Centralization and Stability in Formal Constitutions

Consider a social-choice function (SCF) is chosen to decide votes in a formal system, including votes to replace the voting method itself. Agents vote according to their ex-ante preference between the incumbent SCF and the suggested replacement. The existing SCF then aggregates the agents' votes and arrives at a decision of whether it should itself be replaced. An SCF is self-maintaining if it can not be replaced in such fashion by any other SCF. Our focus is on the implications of self-maintenance for centralization. We present results considering optimistic, pessimistic and i.i.d. approaches w.r.t. agent beliefs, and different tie-breaking rules.
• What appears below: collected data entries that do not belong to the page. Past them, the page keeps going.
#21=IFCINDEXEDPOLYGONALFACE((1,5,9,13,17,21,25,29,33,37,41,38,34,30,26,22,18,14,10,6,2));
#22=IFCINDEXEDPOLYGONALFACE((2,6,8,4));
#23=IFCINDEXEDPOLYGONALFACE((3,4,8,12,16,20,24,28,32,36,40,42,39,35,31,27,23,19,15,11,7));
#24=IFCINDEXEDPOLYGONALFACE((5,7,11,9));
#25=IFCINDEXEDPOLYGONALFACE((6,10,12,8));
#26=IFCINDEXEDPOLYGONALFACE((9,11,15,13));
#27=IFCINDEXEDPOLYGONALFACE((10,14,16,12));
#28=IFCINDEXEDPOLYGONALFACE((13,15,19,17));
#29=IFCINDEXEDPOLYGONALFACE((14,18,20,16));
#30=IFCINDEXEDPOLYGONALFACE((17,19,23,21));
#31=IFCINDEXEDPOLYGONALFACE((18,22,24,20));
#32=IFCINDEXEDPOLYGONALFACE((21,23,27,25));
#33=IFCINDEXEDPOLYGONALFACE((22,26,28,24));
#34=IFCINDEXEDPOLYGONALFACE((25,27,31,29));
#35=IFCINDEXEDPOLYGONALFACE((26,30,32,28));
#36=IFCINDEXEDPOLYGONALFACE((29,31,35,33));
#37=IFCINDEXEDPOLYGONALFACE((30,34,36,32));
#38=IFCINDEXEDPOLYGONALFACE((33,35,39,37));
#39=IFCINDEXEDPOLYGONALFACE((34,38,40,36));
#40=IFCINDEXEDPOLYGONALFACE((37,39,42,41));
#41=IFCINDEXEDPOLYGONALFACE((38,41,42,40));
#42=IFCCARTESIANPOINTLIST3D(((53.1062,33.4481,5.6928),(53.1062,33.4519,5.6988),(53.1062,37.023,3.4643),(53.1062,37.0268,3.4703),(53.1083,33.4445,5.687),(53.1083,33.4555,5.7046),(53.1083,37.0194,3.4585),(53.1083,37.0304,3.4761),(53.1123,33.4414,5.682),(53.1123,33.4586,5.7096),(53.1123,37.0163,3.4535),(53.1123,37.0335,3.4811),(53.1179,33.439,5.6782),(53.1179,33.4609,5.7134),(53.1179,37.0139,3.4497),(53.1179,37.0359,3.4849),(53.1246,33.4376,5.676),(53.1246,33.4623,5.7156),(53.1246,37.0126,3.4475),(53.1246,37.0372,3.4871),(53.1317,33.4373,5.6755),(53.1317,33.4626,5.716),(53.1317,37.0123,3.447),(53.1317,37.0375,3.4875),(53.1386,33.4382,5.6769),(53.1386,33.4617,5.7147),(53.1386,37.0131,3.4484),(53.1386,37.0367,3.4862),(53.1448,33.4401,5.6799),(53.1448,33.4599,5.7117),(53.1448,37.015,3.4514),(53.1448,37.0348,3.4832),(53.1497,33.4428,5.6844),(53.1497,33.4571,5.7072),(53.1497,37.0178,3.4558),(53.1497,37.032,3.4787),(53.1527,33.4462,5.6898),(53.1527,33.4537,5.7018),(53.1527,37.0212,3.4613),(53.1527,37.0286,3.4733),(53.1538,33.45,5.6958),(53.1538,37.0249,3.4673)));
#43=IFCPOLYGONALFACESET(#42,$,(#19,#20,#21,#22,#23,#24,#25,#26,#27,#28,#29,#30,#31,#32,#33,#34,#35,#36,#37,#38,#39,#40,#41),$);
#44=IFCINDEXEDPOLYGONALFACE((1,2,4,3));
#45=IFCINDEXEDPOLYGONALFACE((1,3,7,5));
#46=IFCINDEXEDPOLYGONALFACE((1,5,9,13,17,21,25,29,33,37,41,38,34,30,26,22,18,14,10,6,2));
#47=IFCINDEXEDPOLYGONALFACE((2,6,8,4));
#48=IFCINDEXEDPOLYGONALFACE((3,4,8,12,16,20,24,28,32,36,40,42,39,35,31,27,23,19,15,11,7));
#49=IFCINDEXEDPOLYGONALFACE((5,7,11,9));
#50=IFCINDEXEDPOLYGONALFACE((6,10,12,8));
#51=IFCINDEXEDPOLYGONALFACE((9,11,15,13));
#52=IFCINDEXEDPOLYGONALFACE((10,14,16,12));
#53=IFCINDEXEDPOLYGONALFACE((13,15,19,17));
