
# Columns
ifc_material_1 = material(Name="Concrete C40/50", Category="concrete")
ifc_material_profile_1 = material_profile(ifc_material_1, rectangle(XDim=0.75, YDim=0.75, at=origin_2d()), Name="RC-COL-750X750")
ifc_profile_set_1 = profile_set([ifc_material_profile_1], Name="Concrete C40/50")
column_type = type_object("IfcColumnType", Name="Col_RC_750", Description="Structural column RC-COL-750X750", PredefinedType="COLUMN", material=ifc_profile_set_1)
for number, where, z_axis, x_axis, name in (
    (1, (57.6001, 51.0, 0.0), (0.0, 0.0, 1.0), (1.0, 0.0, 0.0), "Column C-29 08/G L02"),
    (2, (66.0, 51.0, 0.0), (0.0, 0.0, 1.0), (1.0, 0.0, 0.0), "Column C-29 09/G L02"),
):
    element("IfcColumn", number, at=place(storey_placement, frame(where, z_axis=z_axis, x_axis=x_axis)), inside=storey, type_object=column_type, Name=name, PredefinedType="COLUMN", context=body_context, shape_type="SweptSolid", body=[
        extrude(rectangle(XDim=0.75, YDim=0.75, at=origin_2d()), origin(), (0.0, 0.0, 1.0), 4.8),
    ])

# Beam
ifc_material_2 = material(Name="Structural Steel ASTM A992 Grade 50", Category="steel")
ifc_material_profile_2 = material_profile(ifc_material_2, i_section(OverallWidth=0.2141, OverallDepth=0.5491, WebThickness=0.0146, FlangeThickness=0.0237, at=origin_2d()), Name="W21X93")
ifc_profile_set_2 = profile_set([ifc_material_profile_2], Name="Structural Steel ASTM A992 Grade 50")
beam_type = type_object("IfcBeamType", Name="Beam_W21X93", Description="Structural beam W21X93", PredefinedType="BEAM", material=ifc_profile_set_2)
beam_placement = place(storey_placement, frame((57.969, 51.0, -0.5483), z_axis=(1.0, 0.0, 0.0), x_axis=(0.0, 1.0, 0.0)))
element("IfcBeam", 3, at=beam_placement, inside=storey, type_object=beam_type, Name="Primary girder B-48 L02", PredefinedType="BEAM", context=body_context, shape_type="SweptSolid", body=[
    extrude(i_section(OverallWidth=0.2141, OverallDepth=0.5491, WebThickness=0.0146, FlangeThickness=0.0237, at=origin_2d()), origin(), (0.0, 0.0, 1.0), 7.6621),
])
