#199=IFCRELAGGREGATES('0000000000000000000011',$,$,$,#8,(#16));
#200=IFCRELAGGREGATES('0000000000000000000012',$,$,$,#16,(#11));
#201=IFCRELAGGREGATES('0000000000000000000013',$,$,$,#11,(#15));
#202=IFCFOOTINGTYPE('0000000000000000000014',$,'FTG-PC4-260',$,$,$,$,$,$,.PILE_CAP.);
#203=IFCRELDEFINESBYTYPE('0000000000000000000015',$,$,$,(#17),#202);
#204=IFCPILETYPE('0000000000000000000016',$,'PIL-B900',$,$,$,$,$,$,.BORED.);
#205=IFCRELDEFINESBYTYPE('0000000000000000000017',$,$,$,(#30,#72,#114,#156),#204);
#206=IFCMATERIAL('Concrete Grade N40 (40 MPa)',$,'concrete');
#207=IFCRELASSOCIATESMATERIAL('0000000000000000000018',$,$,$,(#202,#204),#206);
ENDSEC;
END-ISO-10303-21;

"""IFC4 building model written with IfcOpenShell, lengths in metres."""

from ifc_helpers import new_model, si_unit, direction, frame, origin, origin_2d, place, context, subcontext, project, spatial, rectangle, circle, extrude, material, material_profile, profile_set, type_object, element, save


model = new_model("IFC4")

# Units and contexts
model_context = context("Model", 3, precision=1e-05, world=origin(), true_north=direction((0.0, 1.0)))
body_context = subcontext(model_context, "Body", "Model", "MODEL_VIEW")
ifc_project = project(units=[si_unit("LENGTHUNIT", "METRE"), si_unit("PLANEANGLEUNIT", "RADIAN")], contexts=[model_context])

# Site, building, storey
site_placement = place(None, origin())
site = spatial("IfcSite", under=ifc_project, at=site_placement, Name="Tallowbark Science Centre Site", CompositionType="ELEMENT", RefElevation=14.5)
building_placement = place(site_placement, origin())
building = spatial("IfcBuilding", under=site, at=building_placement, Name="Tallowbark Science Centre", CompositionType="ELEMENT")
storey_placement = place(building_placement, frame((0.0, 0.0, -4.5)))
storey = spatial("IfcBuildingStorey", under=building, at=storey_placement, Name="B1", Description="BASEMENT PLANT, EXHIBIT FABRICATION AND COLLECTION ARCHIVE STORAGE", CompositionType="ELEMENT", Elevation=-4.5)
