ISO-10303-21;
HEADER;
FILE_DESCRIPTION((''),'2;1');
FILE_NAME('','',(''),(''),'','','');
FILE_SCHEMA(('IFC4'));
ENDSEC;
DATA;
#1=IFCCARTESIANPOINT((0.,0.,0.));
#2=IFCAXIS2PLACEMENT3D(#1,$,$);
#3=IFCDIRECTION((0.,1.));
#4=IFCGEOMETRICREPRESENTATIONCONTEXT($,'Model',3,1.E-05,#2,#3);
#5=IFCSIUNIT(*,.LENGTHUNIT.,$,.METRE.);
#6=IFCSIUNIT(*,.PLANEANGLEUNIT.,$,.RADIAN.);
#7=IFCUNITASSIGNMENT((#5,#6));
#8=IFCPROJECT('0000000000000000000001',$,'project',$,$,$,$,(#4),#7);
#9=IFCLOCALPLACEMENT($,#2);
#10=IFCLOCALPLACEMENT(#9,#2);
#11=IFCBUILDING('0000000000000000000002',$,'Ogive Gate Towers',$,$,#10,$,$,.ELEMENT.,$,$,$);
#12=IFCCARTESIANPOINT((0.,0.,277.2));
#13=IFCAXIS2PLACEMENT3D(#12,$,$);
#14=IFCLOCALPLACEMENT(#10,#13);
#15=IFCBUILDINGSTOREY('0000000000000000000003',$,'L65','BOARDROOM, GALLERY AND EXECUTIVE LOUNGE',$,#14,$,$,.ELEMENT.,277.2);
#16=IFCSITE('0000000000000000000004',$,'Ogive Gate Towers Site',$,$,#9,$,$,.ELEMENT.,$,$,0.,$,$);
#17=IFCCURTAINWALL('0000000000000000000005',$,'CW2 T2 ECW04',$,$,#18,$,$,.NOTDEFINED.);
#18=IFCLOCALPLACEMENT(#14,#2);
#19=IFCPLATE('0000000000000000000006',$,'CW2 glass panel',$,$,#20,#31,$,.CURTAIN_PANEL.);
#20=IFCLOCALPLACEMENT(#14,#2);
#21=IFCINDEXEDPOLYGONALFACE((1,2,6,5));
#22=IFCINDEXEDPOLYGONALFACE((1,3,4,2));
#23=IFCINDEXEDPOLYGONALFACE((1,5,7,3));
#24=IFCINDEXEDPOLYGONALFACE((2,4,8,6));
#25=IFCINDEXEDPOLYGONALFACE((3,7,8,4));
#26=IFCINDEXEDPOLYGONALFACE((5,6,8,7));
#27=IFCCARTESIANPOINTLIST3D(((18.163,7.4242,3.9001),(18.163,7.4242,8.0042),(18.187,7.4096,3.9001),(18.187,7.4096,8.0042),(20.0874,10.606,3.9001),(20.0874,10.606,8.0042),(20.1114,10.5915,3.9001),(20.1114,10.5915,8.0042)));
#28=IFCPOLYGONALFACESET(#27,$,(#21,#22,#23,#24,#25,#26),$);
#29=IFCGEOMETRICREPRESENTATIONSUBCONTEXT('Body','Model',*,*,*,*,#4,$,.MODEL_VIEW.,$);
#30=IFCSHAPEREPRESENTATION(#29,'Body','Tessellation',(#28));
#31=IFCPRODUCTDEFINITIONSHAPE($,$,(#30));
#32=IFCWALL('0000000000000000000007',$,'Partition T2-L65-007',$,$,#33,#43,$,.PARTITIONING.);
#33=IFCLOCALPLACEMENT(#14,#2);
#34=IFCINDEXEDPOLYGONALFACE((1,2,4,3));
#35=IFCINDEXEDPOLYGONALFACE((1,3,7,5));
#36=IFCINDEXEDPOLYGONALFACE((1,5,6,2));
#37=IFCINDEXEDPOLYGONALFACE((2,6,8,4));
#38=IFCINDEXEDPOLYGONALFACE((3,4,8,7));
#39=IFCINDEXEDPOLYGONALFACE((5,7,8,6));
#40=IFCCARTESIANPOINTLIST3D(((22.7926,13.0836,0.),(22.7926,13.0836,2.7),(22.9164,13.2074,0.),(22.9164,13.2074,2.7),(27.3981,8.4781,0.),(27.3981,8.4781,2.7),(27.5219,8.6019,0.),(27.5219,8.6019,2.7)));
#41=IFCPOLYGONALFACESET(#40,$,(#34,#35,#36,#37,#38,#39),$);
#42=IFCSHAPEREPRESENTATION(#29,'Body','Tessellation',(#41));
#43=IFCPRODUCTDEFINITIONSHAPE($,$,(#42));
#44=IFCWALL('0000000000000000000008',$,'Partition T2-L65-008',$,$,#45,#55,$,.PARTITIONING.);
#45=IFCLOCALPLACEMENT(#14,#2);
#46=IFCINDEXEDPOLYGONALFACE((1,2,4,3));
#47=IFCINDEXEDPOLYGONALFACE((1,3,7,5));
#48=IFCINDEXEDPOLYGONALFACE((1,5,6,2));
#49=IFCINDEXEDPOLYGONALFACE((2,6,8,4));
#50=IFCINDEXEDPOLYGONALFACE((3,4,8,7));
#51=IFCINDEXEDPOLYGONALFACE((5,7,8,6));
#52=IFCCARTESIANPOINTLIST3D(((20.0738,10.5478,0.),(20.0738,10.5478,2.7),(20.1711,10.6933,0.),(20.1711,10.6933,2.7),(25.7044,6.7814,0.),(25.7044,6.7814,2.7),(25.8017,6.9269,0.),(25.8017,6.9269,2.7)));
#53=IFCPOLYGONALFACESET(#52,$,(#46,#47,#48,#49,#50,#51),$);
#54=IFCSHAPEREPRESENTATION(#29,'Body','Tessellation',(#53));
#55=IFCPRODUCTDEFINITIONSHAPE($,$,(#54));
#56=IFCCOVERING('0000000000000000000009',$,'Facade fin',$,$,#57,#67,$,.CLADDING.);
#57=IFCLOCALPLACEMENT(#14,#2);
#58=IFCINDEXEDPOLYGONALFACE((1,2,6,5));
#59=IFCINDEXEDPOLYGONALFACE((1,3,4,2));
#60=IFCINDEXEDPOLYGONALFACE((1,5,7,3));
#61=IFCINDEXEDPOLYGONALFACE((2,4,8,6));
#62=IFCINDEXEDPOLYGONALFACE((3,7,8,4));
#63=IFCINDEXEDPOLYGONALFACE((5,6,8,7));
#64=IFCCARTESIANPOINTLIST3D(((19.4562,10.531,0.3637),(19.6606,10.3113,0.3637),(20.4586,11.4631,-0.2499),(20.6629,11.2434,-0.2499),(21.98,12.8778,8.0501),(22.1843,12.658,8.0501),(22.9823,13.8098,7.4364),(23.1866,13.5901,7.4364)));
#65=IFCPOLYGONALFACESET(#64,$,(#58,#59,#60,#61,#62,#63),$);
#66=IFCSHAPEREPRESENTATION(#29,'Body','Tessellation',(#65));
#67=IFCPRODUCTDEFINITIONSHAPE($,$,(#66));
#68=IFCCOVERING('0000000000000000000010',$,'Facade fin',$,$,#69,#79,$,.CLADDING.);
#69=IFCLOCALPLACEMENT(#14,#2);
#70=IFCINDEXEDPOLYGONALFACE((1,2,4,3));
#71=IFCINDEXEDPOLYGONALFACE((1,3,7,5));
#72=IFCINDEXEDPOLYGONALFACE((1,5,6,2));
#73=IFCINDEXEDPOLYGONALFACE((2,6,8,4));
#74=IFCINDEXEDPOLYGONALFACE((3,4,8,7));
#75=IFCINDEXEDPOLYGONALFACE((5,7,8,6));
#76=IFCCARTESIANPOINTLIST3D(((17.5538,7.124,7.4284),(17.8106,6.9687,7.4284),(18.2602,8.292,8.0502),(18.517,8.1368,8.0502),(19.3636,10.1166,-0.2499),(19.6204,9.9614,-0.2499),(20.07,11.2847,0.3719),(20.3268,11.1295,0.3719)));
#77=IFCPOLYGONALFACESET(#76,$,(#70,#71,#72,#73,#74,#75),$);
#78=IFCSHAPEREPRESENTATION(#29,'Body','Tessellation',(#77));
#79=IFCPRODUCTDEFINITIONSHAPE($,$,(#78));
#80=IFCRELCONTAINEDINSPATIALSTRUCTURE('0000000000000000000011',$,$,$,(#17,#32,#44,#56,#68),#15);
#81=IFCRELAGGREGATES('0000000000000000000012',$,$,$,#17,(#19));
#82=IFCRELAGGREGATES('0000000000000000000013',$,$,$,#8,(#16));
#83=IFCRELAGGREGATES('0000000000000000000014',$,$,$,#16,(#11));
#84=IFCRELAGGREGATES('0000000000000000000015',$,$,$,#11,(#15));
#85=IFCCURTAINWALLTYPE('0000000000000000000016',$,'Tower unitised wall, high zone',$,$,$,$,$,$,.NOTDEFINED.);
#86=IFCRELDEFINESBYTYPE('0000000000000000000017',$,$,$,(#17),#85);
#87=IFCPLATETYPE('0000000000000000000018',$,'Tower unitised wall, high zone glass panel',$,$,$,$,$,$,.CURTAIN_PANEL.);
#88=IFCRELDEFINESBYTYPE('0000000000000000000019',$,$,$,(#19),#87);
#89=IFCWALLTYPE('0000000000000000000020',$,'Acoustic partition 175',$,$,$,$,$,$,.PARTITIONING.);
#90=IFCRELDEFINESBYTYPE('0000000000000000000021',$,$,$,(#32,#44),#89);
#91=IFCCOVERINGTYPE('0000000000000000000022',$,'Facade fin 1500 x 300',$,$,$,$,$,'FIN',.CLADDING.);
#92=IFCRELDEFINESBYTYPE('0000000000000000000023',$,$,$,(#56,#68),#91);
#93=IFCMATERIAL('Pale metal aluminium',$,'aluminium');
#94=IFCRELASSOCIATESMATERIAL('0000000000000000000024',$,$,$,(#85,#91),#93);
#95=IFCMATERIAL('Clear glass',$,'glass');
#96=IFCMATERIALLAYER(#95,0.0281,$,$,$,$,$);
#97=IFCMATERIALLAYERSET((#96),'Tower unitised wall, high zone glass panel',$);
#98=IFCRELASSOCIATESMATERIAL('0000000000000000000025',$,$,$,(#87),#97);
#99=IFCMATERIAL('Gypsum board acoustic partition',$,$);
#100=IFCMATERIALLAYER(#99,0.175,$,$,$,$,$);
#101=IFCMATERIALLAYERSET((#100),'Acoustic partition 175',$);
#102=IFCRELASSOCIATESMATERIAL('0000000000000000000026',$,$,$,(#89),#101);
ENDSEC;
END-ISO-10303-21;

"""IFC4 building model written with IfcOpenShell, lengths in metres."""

from ifc_helpers import new_model, si_unit, direction, frame, frame_2d, origin, origin_2d, place, context, subcontext, project, spatial, rectangle, extrude, material, layer, layer_set, material_profile, profile_set, type_object, element, aggregate, save


model = new_model("IFC4")

# Units and contexts
model_context = context("Model", 3, precision=1e-05, world=origin(), true_north=direction((0.0, 1.0)))
body_context = subcontext(model_context, "Body", "Model", "MODEL_VIEW")
ifc_project = project(units=[si_unit("LENGTHUNIT", "METRE"), si_unit("PLANEANGLEUNIT", "RADIAN")], contexts=[model_context])

# Site, building, storey
site_placement = place(None, origin())
site = spatial("IfcSite", under=ifc_project, at=site_placement, Name="Ogive Gate Towers Site", CompositionType="ELEMENT", RefElevation=0.0)
building_placement = place(site_placement, origin())
building = spatial("IfcBuilding", under=site, at=building_placement, Name="Ogive Gate Towers", CompositionType="ELEMENT")
storey_placement = place(building_placement, frame((0.0, 0.0, 277.2)))
storey = spatial("IfcBuildingStorey", under=building, at=storey_placement, Name="L65", Description="BOARDROOM, GALLERY AND EXECUTIVE LOUNGE", CompositionType="ELEMENT", Elevation=277.2)

# Shared definitions
ifc_material_1 = material(Name="Pale metal aluminium", Category="aluminium")
curtain_wall_type = type_object("IfcCurtainWallType", Name="Tower unitised wall, high zone", PredefinedType="NOTDEFINED", material=ifc_material_1)

# Curtain wall
curtain_wall_1_placement = place(storey_placement, origin())
curtain_wall_1 = element("IfcCurtainWall", 1, at=curtain_wall_1_placement, inside=storey, type_object=curtain_wall_type, Name="CW2 T2 ECW04", PredefinedType="NOTDEFINED")

# Plate
ifc_material_2 = material(Name="Clear glass", Category="glass")
ifc_layer_1 = layer(ifc_material_2, 0.0281)
ifc_layer_set_1 = layer_set([ifc_layer_1], Name="Tower unitised wall, high zone glass panel")
plate_type = type_object("IfcPlateType", Name="Tower unitised wall, high zone glass panel", PredefinedType="CURTAIN_PANEL", material=ifc_layer_set_1)
plate_1_placement = place(storey_placement, frame((19.1372, 9.0078, 3.9001), z_axis=(0.0, 0.0, 1.0), x_axis=(-0.517519, -0.855672, 0.0)))
plate_1 = element("IfcPlate", 2, at=plate_1_placement, type_object=plate_type, Name="CW2 glass panel", PredefinedType="CURTAIN_PANEL", context=body_context, shape_type="SweptSolid", body=[
    extrude(rectangle(XDim=3.7185, YDim=0.0281, at=origin_2d()), origin(), (0.0, 0.0, 1.0), 4.104),
])
aggregate(curtain_wall_1, [plate_1])

# Walls
ifc_material_3 = material(Name="Gypsum board acoustic partition")
ifc_layer_2 = layer(ifc_material_3, 0.175)
ifc_layer_set_2 = layer_set([ifc_layer_2], Name="Acoustic partition 175")
wall_type = type_object("IfcWallType", Name="Acoustic partition 175", PredefinedType="PARTITIONING", material=ifc_layer_set_2)
wall_1_placement = place(storey_placement, frame((22.8545, 13.1455, 0.0), z_axis=(0.0, 0.0, 1.0), x_axis=(0.707107, -0.707107, 0.0)))
element("IfcWall", 3, at=wall_1_placement, inside=storey, type_object=wall_type, Name="Partition T2-L65-007", PredefinedType="PARTITIONING", context=body_context, shape_type="SweptSolid", body=[
    extrude(rectangle(XDim=6.5132, YDim=0.175, at=frame_2d((3.2566, 0.0))), origin(), (0.0, 0.0, 1.0), 2.7),
])
wall_2_placement = place(storey_placement, frame((20.1223, 10.6206, 0.0), z_axis=(0.0, 0.0, 1.0), x_axis=(0.83119, -0.555989, 0.0)))
element("IfcWall", 4, at=wall_2_placement, inside=storey, type_object=wall_type, Name="Partition T2-L65-008", PredefinedType="PARTITIONING", context=body_context, shape_type="SweptSolid", body=[
    extrude(rectangle(XDim=6.7742, YDim=0.175, at=frame_2d((3.3872, 0.0))), origin(), (0.0, 0.0, 1.0), 2.7),
])

# Coverings
ifc_material_profile_1 = material_profile(ifc_material_1, rectangle(XDim=0.3, YDim=1.5, at=origin_2d()), Name="1500 x 300 pale metal aluminium")
ifc_profile_set_1 = profile_set([ifc_material_profile_1], Name="Pale metal aluminium")
covering_type = type_object("IfcCoveringType", Name="Facade fin 1500 x 300", ElementType="FIN", PredefinedType="CLADDING", material=ifc_profile_set_1)
covering_1_placement = place(storey_placement, frame((20.0596, 10.8872, 0.0569), z_axis=(0.299601, 0.278588, 0.912484), x_axis=(-0.680959, 0.732321, 0.0)))
element("IfcCovering", 5, at=covering_1_placement, inside=storey, type_object=covering_type, Name="Facade fin", PredefinedType="CLADDING", context=body_context, shape_type="SweptSolid", body=[
    extrude(rectangle(XDim=0.3, YDim=1.5, at=origin_2d()), origin(), (0.0, 0.0, 1.0), 8.4236),
])
covering_2_placement = place(storey_placement, frame((19.8452, 10.623, 0.061), z_axis=(-0.214504, -0.354699, 0.910042), x_axis=(0.855695, -0.51748, 0.0)))
element("IfcCovering", 6, at=covering_2_placement, inside=storey, type_object=covering_type, Name="Facade fin", PredefinedType="CLADDING", context=body_context, shape_type="SweptSolid", body=[
    extrude(rectangle(XDim=0.3, YDim=1.5, at=origin_2d()), origin(), (0.0, 0.0, 1.0), 8.4373),
])

save(model, "model.ifc")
To highlight two of the results, (i) for the i.i.d. unbiased case with arbitrary tie-breaking, we prove an ``Arrow-Style'' Theorem for Dynamics: We show that only a dictatorship is self-maintaining, and any other SCF has a path of changes that arrives at a dictatorship. (ii) If we take into account wisdom of the crowd effects, for a society with a variable size of ruling elite, we demonstrate how the stable elite size is decreasing in both how extractive the economy is, and the quality of individual decision-making. All in all we provide a basic framework and body of results for centralization dynamics and stability, applicable for institution design, especially in formal ``De-Jure'' systems, such as Blockchain Decentralized Autonomous Organizations (DAOs).